Avenue Q: Raunchy, subversive and funny as all get-out.

Raunchy, subversive, funny as all get-out, Avenue Q by Robert Lopez, Jeff Marx and Jeff Whitty is a gem of contemporary musical theatre, one that takes the iconic children’s television show Sesame Street and turns it on its head with sex, obscenities and the very realistic notions that life frequently sucks, that none of us is really all that special, and that while the dispossessed might band together they will, for the most part, remain dispossessed.
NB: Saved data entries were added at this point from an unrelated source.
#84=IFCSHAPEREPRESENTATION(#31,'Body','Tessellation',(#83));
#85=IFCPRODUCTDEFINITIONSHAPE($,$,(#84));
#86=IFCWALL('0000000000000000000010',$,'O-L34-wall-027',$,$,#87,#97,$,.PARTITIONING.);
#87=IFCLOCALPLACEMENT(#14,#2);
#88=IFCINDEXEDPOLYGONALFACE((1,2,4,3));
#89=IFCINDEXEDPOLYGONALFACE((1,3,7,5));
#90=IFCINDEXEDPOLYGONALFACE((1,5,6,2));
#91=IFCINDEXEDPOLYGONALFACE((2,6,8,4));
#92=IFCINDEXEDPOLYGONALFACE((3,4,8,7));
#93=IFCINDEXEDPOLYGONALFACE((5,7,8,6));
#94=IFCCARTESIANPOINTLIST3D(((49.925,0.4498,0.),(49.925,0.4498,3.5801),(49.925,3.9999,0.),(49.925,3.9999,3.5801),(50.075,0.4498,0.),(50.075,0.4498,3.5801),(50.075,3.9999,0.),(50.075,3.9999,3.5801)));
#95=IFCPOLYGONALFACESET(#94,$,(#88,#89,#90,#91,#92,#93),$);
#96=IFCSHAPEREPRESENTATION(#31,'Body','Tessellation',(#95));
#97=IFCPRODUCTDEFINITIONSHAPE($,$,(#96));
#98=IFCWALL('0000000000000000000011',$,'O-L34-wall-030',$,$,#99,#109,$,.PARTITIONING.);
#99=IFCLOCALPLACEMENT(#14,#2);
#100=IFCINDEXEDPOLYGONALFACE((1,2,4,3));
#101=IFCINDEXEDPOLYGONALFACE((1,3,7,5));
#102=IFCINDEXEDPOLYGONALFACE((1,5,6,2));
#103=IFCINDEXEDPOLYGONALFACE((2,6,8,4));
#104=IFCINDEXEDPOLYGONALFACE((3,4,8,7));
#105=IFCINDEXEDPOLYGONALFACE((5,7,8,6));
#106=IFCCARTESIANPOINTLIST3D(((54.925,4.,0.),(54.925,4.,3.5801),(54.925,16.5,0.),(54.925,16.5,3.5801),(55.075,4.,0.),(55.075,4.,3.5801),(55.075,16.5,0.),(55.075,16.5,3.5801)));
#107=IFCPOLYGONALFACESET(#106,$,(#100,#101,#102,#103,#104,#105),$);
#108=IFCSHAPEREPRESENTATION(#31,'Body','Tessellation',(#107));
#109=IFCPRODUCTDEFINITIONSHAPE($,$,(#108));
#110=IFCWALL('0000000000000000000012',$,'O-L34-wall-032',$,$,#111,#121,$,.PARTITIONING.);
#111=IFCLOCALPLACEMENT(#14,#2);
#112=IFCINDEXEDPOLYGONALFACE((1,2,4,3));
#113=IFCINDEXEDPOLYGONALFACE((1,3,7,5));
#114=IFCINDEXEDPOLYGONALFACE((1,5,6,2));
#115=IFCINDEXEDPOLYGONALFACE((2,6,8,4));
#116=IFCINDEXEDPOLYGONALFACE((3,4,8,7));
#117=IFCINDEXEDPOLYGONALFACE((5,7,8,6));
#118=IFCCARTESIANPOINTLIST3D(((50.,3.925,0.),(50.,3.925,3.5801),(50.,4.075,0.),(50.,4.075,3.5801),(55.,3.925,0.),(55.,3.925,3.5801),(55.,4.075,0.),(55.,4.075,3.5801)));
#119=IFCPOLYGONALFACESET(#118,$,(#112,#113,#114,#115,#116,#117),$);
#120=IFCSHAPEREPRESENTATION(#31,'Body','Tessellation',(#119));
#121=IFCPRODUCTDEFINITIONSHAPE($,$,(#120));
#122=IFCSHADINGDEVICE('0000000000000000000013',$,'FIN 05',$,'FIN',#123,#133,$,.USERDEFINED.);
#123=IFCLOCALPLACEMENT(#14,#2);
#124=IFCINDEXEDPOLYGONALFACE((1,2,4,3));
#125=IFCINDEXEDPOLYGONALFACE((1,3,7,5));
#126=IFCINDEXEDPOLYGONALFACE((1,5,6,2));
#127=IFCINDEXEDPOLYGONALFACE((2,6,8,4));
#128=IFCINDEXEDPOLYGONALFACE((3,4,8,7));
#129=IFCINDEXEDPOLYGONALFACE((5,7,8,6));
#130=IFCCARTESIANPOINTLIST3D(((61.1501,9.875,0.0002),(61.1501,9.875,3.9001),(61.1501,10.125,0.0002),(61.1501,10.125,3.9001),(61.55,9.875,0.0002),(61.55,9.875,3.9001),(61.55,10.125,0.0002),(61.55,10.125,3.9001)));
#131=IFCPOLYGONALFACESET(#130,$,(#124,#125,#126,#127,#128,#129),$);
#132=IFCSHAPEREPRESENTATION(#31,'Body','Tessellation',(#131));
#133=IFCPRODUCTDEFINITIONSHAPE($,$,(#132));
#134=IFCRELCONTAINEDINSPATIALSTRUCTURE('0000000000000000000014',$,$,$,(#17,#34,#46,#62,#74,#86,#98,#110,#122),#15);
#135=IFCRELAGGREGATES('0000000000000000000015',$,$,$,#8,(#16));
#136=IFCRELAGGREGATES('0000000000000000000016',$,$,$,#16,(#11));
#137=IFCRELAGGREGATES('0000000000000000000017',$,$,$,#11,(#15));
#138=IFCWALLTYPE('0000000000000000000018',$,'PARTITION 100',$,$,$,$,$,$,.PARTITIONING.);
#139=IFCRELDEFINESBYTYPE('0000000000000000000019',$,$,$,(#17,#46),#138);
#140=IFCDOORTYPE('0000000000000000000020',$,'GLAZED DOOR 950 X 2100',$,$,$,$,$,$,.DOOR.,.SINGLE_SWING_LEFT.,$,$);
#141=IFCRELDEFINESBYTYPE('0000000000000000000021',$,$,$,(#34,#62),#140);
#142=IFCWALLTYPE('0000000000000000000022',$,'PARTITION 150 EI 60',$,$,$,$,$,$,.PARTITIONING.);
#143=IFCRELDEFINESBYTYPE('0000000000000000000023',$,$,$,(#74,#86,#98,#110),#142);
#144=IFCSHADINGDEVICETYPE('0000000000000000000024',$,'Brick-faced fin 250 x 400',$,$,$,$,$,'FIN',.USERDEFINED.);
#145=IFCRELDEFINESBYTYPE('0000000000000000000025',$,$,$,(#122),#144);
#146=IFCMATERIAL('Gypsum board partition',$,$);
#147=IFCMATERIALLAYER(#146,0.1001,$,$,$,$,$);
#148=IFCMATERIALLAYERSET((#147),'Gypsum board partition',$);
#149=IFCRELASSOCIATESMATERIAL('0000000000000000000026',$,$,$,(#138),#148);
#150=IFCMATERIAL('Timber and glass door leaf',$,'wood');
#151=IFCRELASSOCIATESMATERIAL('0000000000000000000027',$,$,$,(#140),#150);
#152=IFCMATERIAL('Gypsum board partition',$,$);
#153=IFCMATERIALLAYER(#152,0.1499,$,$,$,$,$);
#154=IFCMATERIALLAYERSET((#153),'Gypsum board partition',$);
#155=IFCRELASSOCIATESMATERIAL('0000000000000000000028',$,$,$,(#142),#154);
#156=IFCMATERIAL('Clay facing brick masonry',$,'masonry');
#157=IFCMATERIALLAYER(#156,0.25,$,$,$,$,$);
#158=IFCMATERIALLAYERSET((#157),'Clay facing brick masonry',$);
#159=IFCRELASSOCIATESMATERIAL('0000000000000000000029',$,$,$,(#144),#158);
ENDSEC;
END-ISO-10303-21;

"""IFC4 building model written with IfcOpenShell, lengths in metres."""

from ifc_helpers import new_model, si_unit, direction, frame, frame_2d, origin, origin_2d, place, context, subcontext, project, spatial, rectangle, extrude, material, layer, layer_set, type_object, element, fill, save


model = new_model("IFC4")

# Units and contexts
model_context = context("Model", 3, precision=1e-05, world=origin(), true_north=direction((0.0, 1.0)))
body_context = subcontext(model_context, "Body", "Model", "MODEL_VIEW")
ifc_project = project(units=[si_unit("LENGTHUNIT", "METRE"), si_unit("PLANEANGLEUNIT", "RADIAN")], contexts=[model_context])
TotoToo takes all this and wraps it into one excellent production. An ensemble piece, the show nails pretty much everything from voices and puppetry to Aileen Szkwarek’s well-oiled choreography and the live musical accompaniment directed by John McGovern . Artistic director Michael Gareau keeps the show moving at the requisite smartly staged clip while inspiring all the performers to have so much fun that the audience is swept along by the same joyous spirit.

Of particular note among performers: the wonderfully expressive Pascal Viens (Rod) who is making his debut in musical theatre, Alianne Rozon whose Kate Monster is a lonely lady to whom we can all relate, and Andrew Galligan as Princeton, a character in search of self-authorship. 

The Kailish Mital Theatre’s sound system is lacking, and distortion at the show we attended occasionally made lyrics impossible to understand. It was a small price to pay for a crackerjack show.